LLM-Assisted Incident Report Generation: Quality, Speed, and Analyst Acceptance
APA Citation
Olsson, M. & Reyes, A. (2024). LLM-Assisted Incident Report Generation: Quality, Speed, and Analyst Acceptance. *Digital Threats: Research and Practice*. https://doi.org/10.1145/3698901
View original paper →What Did This Cybersecurity Research Find?
This cybersecurity operations study tested LLM-assisted incident report generation in four SOCs, comparing report quality and production time against fully manual reports. Cybersecurity incident reports drafted by LLMs and reviewed by analysts were produced 64% faster than fully manual reports and received equivalent quality ratings from stakeholders, but analysts needed to correct factual hallucinations in 12% of AI-generated drafts.
Key Findings
- 1LLM-assisted incident reports were produced 64% faster than manual reports
- 2Stakeholder quality ratings were equivalent for AI-assisted and manual reports
- 3Factual hallucinations (incorrect technical details) appeared in 12% of AI-generated drafts
- 4Timeline accuracy was the most common hallucination type (incorrect event sequencing)
- 5Analysts spent 15% of saved time on review and correction of AI-generated content
How Does This Apply to Cybersecurity Careers?
SOC analysts can use AI report generation to reduce documentation burden. Security managers can evaluate AI writing tools while understanding the necessary human review requirements.
Who Should Read This?
Frequently Asked Questions
What did this cybersecurity research find?

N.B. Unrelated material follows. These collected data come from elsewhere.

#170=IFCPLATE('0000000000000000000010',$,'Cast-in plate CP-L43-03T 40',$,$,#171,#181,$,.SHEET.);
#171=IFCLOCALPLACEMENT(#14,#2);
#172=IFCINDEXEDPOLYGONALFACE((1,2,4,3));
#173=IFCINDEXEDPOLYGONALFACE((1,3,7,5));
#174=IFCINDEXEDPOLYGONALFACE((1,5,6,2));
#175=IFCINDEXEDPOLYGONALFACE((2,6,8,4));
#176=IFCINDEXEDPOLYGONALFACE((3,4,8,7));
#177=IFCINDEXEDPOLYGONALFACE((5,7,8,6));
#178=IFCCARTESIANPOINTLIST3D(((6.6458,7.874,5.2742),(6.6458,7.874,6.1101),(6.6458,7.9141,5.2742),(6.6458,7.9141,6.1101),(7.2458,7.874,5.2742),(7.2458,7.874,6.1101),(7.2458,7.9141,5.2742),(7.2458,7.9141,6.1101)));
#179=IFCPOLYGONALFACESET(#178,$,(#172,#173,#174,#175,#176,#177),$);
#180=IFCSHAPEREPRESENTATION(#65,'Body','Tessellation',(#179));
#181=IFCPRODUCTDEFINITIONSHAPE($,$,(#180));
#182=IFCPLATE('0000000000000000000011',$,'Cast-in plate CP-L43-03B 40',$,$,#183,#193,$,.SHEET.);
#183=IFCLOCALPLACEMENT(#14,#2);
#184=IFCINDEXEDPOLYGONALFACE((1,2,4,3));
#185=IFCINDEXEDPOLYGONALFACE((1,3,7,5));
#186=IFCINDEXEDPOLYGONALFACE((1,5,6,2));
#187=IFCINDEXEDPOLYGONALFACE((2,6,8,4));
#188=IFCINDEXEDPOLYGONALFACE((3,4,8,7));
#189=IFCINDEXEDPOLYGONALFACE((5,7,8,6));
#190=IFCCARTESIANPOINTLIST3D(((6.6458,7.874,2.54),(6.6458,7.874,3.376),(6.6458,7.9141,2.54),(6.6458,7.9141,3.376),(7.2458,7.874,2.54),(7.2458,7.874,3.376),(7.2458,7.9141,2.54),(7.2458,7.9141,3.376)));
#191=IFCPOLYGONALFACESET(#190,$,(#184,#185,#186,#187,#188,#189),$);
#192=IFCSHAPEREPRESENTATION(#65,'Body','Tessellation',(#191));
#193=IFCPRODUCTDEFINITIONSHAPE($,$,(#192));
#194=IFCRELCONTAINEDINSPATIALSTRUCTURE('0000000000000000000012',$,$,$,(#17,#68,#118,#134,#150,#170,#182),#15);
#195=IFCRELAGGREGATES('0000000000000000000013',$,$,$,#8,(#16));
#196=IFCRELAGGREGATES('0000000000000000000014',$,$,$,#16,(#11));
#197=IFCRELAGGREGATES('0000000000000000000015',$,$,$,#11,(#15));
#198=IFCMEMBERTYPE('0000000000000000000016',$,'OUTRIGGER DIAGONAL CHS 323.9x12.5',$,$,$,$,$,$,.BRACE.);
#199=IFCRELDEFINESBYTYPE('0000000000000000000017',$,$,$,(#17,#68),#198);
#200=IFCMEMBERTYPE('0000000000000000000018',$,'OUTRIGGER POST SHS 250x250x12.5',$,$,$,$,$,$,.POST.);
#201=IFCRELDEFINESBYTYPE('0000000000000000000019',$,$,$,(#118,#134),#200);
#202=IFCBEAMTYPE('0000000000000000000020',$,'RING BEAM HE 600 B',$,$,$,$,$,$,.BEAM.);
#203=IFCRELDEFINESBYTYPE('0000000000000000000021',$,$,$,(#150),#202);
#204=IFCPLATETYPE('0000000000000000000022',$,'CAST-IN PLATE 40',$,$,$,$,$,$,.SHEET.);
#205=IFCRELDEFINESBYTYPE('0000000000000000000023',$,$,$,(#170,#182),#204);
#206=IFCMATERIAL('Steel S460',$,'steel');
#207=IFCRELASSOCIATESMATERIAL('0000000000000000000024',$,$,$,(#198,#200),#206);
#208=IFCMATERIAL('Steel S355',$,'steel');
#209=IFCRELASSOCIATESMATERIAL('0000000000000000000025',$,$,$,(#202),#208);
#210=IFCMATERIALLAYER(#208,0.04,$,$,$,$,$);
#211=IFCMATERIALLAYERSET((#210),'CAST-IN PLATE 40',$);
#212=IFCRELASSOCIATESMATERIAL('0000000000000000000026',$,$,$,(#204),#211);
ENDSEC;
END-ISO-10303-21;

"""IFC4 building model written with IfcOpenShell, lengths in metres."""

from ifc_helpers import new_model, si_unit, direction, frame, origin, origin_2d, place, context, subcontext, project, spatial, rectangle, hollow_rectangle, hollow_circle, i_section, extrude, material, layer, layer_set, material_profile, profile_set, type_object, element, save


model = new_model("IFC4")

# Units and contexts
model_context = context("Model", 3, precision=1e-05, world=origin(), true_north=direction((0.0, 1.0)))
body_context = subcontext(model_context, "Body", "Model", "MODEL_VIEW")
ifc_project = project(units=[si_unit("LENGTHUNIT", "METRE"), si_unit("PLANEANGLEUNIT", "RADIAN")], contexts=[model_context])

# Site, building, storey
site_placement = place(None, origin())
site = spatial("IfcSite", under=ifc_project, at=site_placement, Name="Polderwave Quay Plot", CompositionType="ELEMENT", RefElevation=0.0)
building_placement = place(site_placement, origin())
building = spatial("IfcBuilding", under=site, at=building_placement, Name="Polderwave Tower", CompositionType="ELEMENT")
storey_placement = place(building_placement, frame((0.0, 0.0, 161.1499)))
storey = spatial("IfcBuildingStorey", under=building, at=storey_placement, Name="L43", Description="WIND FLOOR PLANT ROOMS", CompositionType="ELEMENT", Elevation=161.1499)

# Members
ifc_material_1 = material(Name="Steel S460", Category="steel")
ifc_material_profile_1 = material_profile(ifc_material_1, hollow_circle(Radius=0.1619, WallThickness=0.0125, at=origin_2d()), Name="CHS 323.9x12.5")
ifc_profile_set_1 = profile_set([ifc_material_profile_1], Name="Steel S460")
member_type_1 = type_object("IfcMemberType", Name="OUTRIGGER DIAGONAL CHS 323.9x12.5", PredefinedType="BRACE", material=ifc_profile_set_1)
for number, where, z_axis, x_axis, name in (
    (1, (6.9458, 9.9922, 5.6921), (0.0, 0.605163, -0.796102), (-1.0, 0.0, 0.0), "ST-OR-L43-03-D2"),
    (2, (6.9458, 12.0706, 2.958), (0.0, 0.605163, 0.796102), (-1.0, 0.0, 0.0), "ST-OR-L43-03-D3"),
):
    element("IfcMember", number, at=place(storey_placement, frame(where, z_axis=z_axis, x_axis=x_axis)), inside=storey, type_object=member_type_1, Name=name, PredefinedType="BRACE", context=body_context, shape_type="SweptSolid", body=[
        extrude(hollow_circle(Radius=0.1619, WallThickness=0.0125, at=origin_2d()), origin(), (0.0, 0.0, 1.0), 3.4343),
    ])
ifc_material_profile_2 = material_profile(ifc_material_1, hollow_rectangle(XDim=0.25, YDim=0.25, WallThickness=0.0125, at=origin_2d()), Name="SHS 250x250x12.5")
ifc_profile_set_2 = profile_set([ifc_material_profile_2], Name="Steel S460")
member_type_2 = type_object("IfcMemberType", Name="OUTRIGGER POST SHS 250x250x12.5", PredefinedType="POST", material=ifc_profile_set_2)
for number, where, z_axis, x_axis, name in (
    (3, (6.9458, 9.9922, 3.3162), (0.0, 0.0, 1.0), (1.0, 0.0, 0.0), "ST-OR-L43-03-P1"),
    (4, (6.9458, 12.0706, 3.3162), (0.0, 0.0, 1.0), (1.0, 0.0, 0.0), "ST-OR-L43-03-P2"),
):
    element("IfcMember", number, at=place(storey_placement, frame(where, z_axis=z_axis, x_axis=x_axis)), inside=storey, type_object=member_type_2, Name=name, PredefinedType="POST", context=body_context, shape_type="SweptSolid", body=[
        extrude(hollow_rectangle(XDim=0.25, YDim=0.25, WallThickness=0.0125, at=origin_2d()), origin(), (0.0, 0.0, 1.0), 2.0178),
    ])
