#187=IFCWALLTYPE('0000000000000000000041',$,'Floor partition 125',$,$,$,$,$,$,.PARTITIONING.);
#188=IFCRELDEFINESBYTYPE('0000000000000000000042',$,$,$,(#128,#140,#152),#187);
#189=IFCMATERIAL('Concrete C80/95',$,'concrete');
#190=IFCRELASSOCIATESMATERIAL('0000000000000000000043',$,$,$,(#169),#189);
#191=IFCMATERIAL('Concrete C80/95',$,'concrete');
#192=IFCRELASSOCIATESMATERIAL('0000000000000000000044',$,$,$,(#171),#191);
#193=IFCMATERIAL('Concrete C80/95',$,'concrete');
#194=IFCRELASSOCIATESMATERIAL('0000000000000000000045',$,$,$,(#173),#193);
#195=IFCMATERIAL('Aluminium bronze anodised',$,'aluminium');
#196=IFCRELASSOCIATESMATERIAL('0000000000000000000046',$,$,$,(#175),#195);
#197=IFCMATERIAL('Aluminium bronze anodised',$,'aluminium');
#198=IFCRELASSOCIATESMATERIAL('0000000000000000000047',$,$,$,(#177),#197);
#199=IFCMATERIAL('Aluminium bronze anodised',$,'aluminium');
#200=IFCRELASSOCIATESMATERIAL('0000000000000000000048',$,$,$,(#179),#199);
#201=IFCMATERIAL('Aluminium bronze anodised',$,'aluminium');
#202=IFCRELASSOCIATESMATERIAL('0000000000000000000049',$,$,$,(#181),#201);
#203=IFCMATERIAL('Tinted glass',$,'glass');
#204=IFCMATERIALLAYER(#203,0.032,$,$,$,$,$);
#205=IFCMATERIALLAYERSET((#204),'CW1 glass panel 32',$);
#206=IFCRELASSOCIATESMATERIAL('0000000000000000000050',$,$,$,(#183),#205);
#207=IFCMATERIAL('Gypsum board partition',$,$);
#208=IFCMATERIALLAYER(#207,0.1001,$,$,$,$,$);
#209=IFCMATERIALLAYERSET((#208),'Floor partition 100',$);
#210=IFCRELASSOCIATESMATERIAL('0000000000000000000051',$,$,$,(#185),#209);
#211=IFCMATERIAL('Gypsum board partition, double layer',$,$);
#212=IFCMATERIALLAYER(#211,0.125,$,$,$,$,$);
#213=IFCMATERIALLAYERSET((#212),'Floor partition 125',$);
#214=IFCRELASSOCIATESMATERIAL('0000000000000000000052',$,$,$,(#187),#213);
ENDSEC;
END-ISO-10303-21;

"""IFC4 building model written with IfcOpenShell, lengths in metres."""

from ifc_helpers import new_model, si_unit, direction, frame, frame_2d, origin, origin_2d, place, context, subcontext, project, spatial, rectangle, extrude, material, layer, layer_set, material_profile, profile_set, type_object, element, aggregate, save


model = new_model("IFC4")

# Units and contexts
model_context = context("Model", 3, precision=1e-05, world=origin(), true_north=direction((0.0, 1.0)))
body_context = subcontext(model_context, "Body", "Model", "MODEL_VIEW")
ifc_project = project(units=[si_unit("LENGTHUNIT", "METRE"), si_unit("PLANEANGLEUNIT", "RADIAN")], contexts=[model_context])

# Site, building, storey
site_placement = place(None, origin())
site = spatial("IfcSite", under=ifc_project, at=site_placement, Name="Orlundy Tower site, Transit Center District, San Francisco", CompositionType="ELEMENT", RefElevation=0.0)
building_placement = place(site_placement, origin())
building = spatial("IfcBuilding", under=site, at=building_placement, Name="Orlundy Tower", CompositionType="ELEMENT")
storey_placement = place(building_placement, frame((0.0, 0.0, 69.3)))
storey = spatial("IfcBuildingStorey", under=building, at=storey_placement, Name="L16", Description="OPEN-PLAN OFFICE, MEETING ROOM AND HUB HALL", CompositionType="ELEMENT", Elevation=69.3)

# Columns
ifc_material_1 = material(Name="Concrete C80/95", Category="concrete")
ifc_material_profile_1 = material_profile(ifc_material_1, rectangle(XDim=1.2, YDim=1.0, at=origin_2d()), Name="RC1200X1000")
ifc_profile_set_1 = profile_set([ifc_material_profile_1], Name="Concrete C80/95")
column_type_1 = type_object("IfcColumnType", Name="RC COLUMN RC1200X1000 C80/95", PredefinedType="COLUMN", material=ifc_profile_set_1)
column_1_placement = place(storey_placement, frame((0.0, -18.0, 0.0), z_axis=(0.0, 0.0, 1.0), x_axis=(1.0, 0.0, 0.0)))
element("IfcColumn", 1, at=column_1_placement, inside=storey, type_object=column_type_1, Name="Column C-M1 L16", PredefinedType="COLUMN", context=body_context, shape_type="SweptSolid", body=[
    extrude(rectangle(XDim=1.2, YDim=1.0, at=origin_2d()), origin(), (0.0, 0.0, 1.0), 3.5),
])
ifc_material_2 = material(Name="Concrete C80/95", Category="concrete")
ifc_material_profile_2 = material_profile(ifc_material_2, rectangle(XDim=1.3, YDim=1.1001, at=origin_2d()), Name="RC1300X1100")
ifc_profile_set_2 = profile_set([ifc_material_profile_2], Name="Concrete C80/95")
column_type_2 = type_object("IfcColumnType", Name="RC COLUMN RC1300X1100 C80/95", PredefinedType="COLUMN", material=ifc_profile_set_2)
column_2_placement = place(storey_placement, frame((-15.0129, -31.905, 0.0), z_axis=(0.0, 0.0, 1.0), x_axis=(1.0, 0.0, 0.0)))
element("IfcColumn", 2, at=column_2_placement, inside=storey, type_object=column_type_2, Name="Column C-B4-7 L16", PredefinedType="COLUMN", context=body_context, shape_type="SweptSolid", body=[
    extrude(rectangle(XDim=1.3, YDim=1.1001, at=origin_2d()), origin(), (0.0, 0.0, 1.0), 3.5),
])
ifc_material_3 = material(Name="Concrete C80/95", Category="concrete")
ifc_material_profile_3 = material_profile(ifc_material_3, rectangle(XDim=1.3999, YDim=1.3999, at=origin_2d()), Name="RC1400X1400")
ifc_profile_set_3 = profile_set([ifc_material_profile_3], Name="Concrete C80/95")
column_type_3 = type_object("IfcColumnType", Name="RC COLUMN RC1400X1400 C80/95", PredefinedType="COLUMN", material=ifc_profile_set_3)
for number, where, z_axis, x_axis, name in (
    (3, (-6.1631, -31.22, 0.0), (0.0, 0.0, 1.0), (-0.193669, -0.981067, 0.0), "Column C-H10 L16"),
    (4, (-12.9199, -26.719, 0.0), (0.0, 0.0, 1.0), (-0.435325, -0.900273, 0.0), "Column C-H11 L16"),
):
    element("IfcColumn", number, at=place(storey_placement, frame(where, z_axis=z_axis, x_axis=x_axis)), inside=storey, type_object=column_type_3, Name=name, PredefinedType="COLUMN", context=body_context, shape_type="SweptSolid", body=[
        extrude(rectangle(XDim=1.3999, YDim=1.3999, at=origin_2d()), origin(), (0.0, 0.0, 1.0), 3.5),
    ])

This cybersecurity operations study tested LLM-assisted incident report generation in four SOCs, comparing report quality and production time against fully manual reports. Cybersecurity incident reports drafted by LLMs and reviewed by analysts were produced 64% faster than fully manual reports and received equivalent quality ratings from stakeholders, but analysts needed to correct factual hallucinations in 12% of AI-generated drafts.
How is this research relevant to cybersecurity careers?
SOC analysts can use AI report generation to reduce documentation burden. Security managers can evaluate AI writing tools while understanding the necessary human review requirements.
Where was this cybersecurity research published?
This study was published in Digital Threats: Research and Practice in 2024. The DOI is 10.1145/3698901. Access the original paper through the publisher link above.